Where does CIA fit into this structure?
A.
Set up by the National Security Act to provide intelligence basis for realistic policy—both collection and analysis. What does this mean?
1.
There must be a place in government where the policy-maker’s tough questions can be answered. So the intelligence community’s job is to collect the data on which answers can be based and then to apply those data to those questions. Much of the intelligence function is simply to report what is going on, and that’s important. But the real job is to add enough analysis to the reporting to make it relevant. (I may be talking out of school to say this, but some of the community’s product is irrelevant today.)
a.
In this connection, it can provide a detached source of information—a sort of touchstone against which to measure policy.

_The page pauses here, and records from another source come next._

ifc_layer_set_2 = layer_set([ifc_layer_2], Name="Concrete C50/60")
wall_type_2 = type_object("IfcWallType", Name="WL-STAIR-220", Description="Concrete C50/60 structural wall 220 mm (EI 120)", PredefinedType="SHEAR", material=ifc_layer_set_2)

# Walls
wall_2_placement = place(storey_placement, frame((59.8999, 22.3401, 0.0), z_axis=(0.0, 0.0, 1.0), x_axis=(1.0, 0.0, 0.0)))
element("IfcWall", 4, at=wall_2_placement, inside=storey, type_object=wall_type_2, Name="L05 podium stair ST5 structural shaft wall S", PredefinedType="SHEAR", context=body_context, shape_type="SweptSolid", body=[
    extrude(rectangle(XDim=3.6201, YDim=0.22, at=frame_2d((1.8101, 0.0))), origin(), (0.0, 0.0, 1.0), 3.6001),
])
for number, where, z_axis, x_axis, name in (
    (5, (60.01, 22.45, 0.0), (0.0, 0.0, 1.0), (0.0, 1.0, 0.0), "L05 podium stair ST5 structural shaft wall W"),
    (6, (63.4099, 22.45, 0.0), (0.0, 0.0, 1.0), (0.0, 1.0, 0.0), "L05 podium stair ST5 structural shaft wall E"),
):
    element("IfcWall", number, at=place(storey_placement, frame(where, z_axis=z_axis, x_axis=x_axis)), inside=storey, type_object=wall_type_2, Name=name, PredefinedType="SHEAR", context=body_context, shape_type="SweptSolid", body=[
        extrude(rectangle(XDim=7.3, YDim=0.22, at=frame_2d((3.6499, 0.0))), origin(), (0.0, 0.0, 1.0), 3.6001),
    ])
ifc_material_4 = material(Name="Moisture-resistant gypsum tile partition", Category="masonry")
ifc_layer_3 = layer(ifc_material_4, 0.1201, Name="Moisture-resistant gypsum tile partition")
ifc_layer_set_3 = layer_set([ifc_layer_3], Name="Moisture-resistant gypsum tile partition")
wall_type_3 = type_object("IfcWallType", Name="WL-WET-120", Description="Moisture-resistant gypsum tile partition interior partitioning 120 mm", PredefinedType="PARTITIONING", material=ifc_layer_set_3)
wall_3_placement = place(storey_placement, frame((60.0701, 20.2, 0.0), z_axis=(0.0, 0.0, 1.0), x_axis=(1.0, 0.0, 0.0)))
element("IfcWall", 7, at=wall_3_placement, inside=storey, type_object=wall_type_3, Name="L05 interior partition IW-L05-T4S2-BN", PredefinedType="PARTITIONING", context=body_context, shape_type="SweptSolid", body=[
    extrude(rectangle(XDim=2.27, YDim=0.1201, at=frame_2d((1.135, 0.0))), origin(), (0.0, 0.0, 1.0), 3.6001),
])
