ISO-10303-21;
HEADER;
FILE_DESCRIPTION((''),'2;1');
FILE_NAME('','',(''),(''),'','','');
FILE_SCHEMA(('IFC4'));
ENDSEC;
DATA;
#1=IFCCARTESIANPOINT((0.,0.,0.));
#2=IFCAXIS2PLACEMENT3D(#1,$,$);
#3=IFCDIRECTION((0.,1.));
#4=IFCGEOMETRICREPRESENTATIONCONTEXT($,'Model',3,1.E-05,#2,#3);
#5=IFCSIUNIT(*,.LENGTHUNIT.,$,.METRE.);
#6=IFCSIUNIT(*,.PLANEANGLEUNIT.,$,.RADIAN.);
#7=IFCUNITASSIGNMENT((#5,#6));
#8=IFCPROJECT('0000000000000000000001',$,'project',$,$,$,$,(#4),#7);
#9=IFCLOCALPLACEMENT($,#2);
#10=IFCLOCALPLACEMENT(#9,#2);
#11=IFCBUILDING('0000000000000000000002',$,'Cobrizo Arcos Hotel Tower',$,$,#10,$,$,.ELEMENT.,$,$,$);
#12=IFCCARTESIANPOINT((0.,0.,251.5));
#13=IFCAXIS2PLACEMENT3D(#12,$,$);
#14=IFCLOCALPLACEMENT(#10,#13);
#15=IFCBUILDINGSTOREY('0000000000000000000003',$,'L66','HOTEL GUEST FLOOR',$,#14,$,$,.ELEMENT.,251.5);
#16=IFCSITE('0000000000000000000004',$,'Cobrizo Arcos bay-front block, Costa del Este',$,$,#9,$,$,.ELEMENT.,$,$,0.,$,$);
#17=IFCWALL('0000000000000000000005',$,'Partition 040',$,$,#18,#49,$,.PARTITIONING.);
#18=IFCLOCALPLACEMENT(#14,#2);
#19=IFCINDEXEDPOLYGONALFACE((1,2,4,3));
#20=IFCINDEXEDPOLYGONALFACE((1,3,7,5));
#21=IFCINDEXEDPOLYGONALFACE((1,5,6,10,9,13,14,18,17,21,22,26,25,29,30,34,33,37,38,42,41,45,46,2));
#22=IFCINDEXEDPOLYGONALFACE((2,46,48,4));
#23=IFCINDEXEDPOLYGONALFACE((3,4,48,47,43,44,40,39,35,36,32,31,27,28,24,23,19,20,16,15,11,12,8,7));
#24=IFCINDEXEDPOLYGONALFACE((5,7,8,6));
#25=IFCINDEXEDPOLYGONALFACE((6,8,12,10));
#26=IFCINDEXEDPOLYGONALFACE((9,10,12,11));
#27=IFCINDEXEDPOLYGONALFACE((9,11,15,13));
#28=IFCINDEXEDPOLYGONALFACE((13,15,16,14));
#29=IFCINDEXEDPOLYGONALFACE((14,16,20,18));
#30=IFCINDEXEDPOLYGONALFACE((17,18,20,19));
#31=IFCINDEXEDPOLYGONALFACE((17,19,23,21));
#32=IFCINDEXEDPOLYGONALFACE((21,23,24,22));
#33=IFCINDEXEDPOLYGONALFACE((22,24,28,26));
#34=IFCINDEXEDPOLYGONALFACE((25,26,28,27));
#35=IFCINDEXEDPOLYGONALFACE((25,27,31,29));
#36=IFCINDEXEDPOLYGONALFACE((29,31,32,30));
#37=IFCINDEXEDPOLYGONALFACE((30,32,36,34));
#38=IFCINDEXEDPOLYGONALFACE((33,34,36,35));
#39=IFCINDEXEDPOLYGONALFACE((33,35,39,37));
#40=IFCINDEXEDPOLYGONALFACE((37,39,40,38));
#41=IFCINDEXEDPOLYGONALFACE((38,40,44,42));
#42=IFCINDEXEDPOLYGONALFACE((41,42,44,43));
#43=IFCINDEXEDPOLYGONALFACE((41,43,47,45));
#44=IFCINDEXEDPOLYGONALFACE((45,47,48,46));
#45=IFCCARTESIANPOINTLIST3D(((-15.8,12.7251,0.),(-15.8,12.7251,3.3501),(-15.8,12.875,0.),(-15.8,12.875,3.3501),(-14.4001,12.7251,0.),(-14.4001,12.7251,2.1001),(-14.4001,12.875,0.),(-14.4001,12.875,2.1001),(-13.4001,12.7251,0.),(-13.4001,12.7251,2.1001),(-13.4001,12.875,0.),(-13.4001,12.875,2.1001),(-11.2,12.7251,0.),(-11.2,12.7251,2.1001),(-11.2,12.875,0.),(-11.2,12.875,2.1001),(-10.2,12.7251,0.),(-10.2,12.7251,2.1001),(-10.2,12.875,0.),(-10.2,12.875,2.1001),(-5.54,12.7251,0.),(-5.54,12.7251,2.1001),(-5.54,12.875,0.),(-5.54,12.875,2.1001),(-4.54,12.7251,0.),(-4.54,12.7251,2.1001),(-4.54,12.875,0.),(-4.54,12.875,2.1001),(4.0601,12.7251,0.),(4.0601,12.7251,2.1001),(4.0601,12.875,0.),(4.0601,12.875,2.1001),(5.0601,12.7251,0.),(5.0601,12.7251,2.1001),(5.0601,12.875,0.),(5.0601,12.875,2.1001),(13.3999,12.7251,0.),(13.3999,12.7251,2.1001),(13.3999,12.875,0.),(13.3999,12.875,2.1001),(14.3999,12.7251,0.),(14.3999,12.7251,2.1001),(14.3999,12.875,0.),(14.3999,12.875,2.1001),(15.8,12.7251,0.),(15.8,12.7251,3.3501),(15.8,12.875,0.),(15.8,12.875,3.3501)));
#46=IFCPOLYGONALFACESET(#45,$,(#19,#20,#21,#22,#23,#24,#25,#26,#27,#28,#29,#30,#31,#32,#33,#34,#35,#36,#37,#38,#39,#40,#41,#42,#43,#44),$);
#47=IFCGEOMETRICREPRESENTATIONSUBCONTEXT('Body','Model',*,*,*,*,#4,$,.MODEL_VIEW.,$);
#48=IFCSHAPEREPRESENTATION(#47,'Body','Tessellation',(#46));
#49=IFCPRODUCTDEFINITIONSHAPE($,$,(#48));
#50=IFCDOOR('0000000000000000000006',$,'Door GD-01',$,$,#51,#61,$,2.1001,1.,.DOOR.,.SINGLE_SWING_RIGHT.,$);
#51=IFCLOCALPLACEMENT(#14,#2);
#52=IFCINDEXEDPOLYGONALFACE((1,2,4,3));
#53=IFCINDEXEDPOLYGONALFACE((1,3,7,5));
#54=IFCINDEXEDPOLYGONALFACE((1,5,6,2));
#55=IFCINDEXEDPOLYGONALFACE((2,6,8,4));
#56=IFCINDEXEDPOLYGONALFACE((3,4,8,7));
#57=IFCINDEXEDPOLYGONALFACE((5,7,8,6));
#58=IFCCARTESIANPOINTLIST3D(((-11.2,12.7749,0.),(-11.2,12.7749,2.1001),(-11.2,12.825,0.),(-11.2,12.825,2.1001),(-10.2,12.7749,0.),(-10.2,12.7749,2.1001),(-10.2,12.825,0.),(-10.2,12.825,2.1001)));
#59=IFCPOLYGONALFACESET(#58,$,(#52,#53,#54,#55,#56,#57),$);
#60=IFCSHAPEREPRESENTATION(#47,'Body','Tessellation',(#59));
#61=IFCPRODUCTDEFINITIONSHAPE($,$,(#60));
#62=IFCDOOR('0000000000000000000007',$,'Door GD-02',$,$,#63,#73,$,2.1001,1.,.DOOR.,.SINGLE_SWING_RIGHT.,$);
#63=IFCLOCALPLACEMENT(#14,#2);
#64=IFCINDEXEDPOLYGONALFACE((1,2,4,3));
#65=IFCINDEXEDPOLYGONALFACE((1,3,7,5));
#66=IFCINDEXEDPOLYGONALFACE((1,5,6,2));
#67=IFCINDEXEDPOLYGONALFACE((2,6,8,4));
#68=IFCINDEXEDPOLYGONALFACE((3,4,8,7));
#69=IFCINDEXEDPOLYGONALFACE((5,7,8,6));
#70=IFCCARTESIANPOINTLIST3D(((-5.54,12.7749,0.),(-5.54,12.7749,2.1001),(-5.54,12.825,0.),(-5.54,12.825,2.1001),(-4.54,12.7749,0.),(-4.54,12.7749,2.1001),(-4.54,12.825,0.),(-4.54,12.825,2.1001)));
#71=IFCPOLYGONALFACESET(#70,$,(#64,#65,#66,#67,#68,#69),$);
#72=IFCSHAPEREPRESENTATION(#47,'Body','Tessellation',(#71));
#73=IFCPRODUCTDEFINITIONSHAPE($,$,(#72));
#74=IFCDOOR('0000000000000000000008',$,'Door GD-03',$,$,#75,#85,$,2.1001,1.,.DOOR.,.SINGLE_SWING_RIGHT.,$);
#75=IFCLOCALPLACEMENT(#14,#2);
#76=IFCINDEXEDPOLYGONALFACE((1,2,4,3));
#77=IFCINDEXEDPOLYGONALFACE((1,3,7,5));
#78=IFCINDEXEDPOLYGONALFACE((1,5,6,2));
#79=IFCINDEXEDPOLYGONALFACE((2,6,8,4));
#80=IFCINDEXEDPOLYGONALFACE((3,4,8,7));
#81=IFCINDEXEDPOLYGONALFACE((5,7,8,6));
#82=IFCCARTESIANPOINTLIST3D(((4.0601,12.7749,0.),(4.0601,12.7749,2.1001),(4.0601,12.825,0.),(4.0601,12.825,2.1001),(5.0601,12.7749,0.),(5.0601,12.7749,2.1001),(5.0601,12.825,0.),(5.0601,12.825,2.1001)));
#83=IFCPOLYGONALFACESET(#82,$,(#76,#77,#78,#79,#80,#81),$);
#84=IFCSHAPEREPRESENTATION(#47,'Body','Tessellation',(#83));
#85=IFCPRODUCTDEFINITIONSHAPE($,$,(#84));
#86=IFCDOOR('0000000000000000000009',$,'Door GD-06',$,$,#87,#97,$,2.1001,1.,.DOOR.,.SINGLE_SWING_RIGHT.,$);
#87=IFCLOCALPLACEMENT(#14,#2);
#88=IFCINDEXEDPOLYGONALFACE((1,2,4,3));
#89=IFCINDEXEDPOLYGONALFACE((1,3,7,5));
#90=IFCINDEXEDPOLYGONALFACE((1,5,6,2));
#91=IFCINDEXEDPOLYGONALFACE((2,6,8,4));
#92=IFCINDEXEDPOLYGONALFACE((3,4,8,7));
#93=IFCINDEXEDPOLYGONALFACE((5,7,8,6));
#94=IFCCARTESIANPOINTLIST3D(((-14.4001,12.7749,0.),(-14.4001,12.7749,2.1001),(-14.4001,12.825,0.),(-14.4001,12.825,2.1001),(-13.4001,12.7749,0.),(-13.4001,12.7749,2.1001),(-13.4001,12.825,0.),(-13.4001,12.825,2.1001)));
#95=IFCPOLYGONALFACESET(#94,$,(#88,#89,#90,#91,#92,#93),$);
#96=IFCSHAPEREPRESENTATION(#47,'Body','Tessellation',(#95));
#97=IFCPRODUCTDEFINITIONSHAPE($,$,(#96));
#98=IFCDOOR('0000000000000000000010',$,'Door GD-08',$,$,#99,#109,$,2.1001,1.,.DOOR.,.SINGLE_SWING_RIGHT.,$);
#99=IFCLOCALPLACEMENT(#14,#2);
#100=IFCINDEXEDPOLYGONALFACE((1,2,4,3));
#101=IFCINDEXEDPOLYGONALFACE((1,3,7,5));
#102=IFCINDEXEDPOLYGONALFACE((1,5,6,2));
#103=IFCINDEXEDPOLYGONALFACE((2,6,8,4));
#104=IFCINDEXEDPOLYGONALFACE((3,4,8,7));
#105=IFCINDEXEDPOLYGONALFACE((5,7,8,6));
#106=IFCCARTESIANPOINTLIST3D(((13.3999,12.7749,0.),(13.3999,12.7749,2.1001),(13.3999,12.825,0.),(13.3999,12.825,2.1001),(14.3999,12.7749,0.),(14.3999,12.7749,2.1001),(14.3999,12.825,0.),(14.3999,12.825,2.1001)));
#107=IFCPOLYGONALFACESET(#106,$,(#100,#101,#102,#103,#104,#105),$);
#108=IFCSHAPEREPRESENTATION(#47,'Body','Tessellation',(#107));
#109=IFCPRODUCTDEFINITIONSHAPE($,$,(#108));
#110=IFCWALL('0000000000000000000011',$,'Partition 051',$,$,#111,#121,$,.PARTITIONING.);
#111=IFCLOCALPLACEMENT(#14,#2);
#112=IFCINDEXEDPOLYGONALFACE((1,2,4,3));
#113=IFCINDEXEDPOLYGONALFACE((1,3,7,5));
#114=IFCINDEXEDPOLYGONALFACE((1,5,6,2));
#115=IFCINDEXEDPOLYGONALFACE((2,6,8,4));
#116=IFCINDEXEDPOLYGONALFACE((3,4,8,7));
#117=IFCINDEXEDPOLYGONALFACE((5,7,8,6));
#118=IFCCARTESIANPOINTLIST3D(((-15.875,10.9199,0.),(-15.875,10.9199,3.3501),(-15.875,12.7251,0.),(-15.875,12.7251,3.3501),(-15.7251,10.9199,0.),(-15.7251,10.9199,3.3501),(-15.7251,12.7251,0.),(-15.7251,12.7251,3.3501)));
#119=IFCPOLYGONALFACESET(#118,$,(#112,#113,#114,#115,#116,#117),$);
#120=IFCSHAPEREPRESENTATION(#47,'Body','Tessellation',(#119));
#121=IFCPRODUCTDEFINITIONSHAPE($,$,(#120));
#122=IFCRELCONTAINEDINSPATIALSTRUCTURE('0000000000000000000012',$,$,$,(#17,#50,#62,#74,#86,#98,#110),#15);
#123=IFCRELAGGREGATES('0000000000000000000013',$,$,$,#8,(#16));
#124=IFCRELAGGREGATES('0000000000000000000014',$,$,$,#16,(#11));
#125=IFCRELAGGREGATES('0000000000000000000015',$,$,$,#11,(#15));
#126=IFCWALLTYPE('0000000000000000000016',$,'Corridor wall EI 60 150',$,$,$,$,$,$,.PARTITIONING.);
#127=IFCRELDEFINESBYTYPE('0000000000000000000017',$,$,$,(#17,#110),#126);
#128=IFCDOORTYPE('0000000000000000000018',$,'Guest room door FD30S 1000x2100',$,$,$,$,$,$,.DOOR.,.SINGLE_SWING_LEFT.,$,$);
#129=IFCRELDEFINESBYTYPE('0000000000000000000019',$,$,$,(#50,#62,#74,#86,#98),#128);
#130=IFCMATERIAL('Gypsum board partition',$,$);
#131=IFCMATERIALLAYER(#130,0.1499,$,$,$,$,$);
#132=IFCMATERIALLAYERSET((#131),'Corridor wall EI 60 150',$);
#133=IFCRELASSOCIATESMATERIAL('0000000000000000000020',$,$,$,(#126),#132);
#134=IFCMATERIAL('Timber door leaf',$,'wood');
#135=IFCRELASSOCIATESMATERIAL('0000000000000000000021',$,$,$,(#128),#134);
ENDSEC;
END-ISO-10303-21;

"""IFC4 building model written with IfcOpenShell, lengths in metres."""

from ifc_helpers import new_model, si_unit, direction, frame, frame_2d, origin, place, context, subcontext, project, spatial, rectangle, extrude, material, layer, layer_set, type_object, element, fill, save


model = new_model("IFC4")

# Units and contexts
model_context = context("Model", 3, precision=1e-05, world=origin(), true_north=direction((0.0, 1.0)))
body_context = subcontext(model_context, "Body", "Model", "MODEL_VIEW")
ifc_project = project(units=[si_unit("LENGTHUNIT", "METRE"), si_unit("PLANEANGLEUNIT", "RADIAN")], contexts=[model_context])

# Site, building, storey
site_placement = place(None, origin())
site = spatial("IfcSite", under=ifc_project, at=site_placement, Name="Cobrizo Arcos bay-front block, Costa del Este", CompositionType="ELEMENT", RefElevation=0.0)
building_placement = place(site_placement, origin())
building = spatial("IfcBuilding", under=site, at=building_placement, Name="Cobrizo Arcos Hotel Tower", CompositionType="ELEMENT")
storey_placement = place(building_placement, frame((0.0, 0.0, 251.5)))
storey = spatial("IfcBuildingStorey", under=building, at=storey_placement, Name="L66", Description="HOTEL GUEST FLOOR", CompositionType="ELEMENT", Elevation=251.5)

# Wall, openings, doors
ifc_material_1 = material(Name="Gypsum board partition")
ifc_layer_1 = layer(ifc_material_1, 0.1499)
ifc_layer_set_1 = layer_set([ifc_layer_1], Name="Corridor wall EI 60 150")
wall_type = type_object("IfcWallType", Name="Corridor wall EI 60 150", PredefinedType="PARTITIONING", material=ifc_layer_set_1)
wall_1_placement = place(storey_placement, frame((-15.8, 12.8, 0.0), z_axis=(0.0, 0.0, 1.0), x_axis=(1.0, 0.0, 0.0)))
wall_1 = element("IfcWall", 1, at=wall_1_placement, inside=storey, type_object=wall_type, Name="Partition 040", PredefinedType="PARTITIONING", context=body_context, shape_type="SweptSolid", body=[
    extrude(rectangle(XDim=31.6001, YDim=0.1499, at=frame_2d((15.8, 0.0))), origin(), (0.0, 0.0, 1.0), 3.3501),
])
opening_1_placement = place(wall_1_placement, frame((4.6001, 0.0, 0.0)))
opening_1 = element("IfcOpeningElement", 2, at=opening_1_placement, cuts=wall_1, PredefinedType="OPENING", context=body_context, shape_type="SweptSolid", body=[
    extrude(rectangle(XDim=1.0, YDim=2.1001, at=frame_2d((0.5, 1.05))), frame((0.0, 0.0869, 0.0), z_axis=(0.0, -1.0, 0.0), x_axis=(1.0, 0.0, 0.0)), (0.0, 0.0, 1.0), 0.1738),
])
opening_2_placement = place(wall_1_placement, frame((10.26, 0.0, 0.0)))
opening_2 = element("IfcOpeningElement", 3, at=opening_2_placement, cuts=wall_1, PredefinedType="OPENING", context=body_context, shape_type="SweptSolid", body=[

All other sources of info—foreign service, attachés—also have policy axes to grind. CIA—at least the intelligence-producing side of it as contrasted to the spook side—the ivory tower of government.
2.
There must also be an organ of government that can compete with our adversaries on their own ground. The Communists have a unique instrument in the Communist parties. Our intelligence operations provide our only organizational counter.
B.
What is the Agency’s chief product?
1.
It has its formal channels of communication—regular publications (some especially for WH), briefings, etc.
2.
I think its more important product is the people it sends into policy-making councils. In a sense, the Agency’s chief product is its director or whoever represents the intelligence viewpoint in meetings where policy consensus emerges.
  1. Source: Johnson Library, National Security File, Saunders Files, NSC, SIG, IRG. No classification marking. In a March 15 covering note Saunders indicated that the paper consisted of his notes for a presentation to Career Trainees at CIA.